The test kit using embodiment 1 to prepare detects according to following steps:
(1) be inoculated in by test strains on PDA flat board, after streak culture, collection is also centrifugal, adds 50 μ lCTAB extraction buffers, and conveniently CTAB method extracts DNA;
(2) in PCR pipe, prepare 25 μ l reaction systems, wherein four kinds of each 1 μ l of primer, reaction buffer 2.5 μ l, the BstDNA polysaccharase 1 μ l of 8U/ μ l, step (1) gained template DNA 2 μ l, add water and be supplemented to 25 μ l, and using gardnerella vaginalis genomic dna as positive control, using 100mMTris-HClpH8.0 and 50mMEDTA as negative control;
(3) by PCR pipe in step (2) in 63 DEG C of isothermal reaction 60min;
(4) analysis judges reaction product result: in (3), add 1 μ l1000 × SYBRGreenI in gained reaction product, and if reaction solution color is orange, represent that result is negative, if reaction solution color is green, expression result is positive.
2.2 detected result
All present green in the PCR pipe of gardnerella vaginalis, and its colour developing result making bacterial strain is orange, shows that primer has very strong specificity.

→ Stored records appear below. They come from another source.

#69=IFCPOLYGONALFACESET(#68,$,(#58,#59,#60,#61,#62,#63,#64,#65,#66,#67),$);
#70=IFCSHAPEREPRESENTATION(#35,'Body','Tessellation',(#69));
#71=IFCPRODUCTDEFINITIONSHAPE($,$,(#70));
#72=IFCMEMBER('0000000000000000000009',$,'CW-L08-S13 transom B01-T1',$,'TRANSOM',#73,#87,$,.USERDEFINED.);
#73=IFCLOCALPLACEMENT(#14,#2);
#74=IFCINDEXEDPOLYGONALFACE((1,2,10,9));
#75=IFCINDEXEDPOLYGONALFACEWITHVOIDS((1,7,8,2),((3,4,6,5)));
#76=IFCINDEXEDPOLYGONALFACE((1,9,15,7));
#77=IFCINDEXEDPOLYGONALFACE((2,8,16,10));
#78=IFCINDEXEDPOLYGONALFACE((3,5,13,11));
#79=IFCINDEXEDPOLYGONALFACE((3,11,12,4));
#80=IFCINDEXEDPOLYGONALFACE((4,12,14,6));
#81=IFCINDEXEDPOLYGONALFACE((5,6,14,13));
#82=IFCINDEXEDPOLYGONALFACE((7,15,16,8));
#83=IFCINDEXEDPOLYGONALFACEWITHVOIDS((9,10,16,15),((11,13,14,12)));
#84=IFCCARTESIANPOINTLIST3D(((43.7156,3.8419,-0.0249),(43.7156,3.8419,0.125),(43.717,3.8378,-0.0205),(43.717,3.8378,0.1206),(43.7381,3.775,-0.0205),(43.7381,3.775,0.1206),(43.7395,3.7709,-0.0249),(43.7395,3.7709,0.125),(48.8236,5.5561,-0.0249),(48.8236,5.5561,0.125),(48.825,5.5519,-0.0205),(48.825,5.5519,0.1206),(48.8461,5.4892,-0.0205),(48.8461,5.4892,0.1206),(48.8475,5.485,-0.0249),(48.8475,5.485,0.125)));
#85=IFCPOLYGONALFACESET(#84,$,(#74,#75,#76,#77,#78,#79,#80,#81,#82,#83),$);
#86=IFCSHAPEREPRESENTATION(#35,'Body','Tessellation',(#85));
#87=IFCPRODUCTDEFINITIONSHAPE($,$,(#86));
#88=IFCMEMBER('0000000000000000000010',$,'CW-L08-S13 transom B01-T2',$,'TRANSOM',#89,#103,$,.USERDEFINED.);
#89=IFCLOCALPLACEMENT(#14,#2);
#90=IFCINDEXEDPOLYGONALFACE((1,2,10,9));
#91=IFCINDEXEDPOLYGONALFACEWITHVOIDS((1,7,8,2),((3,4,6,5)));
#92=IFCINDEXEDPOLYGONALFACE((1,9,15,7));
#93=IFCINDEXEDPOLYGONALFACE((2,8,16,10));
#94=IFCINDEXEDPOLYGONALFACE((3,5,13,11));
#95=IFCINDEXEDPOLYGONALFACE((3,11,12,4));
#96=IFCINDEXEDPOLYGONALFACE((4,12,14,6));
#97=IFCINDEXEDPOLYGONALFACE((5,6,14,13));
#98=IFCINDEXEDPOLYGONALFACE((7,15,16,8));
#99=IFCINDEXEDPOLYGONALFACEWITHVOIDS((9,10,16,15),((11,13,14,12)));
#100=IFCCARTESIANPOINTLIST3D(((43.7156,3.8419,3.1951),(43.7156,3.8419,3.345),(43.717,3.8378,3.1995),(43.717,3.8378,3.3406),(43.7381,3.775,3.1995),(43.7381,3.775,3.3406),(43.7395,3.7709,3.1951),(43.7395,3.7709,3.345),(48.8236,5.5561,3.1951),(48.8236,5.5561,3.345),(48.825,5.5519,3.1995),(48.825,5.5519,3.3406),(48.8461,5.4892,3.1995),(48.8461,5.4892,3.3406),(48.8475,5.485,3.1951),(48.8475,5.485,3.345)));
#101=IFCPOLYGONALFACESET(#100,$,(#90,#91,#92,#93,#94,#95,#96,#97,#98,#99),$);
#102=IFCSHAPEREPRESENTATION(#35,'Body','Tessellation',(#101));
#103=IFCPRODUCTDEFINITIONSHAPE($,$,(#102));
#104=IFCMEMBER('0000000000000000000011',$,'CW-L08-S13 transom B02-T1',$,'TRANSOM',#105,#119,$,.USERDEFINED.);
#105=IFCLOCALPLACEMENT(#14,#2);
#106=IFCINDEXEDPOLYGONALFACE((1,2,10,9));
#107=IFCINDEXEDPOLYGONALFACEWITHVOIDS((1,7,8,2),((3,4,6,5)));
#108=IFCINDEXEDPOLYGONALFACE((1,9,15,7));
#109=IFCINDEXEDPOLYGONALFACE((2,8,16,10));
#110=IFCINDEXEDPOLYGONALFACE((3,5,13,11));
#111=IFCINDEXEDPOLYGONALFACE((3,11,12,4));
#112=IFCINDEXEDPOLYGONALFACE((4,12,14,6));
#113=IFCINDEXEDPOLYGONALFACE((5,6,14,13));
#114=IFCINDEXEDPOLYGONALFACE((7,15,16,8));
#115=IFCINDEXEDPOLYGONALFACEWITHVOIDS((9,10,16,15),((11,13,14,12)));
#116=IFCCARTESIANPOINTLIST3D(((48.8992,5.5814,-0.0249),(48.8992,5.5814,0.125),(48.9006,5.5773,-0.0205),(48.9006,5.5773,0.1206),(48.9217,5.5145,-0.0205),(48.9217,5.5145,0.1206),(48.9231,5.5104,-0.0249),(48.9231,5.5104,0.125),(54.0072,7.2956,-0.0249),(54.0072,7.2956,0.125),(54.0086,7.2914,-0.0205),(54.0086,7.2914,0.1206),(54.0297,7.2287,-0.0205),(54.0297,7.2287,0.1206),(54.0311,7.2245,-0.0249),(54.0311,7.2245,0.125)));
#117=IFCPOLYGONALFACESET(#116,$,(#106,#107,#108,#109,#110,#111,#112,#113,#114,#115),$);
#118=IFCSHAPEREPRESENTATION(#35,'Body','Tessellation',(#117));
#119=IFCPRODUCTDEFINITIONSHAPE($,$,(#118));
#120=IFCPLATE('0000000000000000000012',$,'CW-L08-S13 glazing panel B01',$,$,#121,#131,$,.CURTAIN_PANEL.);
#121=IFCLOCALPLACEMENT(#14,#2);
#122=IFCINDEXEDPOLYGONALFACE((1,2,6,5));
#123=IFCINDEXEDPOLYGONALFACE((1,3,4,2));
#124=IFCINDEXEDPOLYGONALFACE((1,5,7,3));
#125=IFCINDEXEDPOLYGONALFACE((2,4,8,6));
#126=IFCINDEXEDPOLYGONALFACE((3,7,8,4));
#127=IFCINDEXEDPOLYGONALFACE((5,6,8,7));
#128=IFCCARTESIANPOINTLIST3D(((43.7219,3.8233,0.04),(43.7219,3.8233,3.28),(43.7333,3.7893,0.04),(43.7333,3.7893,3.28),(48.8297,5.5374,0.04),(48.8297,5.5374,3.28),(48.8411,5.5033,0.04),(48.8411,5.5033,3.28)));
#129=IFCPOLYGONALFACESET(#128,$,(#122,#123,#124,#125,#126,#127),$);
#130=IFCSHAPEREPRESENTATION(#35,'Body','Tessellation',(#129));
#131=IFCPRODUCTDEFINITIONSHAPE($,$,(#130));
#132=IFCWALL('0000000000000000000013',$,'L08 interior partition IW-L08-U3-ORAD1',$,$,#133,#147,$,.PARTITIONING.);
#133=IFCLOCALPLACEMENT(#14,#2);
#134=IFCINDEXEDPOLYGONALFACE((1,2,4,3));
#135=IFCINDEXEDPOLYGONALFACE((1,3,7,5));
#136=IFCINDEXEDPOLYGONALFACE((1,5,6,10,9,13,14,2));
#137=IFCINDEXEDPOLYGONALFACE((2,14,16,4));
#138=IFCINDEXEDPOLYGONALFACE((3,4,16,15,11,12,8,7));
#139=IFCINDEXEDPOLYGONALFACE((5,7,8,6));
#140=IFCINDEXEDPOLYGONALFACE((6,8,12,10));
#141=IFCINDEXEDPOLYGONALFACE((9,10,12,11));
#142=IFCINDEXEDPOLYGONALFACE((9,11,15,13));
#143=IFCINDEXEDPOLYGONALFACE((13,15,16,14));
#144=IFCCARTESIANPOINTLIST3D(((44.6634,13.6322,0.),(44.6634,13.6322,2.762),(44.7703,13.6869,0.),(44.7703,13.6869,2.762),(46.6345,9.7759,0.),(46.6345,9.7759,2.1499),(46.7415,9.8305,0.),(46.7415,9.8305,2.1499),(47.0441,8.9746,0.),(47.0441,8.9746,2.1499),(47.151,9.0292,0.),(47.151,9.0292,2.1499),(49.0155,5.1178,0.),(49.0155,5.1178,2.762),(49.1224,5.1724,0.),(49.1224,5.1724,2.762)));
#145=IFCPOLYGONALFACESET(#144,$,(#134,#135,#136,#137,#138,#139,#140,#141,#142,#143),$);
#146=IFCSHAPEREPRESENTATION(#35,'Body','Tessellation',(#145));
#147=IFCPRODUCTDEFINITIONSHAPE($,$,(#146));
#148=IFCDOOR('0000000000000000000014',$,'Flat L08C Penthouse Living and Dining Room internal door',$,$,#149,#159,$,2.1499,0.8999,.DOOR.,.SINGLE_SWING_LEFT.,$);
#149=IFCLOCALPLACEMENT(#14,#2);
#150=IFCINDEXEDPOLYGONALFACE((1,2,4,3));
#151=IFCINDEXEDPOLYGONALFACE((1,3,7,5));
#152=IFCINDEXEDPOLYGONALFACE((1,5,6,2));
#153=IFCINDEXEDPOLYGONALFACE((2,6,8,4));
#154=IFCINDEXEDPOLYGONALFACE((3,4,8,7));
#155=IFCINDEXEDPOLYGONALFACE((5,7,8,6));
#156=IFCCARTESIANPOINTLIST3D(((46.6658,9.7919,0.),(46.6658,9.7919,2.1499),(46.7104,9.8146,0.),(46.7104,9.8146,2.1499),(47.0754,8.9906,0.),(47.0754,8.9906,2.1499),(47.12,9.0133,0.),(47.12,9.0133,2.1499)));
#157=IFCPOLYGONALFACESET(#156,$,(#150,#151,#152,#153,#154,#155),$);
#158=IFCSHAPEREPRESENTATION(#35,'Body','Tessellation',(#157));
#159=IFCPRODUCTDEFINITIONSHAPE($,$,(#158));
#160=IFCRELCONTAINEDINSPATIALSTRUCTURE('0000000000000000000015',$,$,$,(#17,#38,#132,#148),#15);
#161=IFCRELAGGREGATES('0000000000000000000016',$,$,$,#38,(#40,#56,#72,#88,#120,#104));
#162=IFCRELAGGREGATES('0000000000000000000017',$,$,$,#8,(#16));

Embodiment 3 gardnerella vaginalis sensitivity technique
3.1LAMP sensitivity technique
Extract gardnerella vaginalis DNA according to the step (1) of embodiment 2, and be diluted to 100ng, 10ng, 1ng, 100pg, 10pg, 1pg, 100fg totally 7 gradients with 10 times of concentration series dilution methods.
LAMP reaction system and reaction conditions and interpretation of result are with step (2)-(4) of embodiment 2.
3.2 detected result
Except DNA concentration be 100fg PCR pipe display orange except, all present green in the PCR pipe of all the other concentration, show that the lowest detection limit of detection method of the present invention reaches 1pgDNA, sensitivity is very high.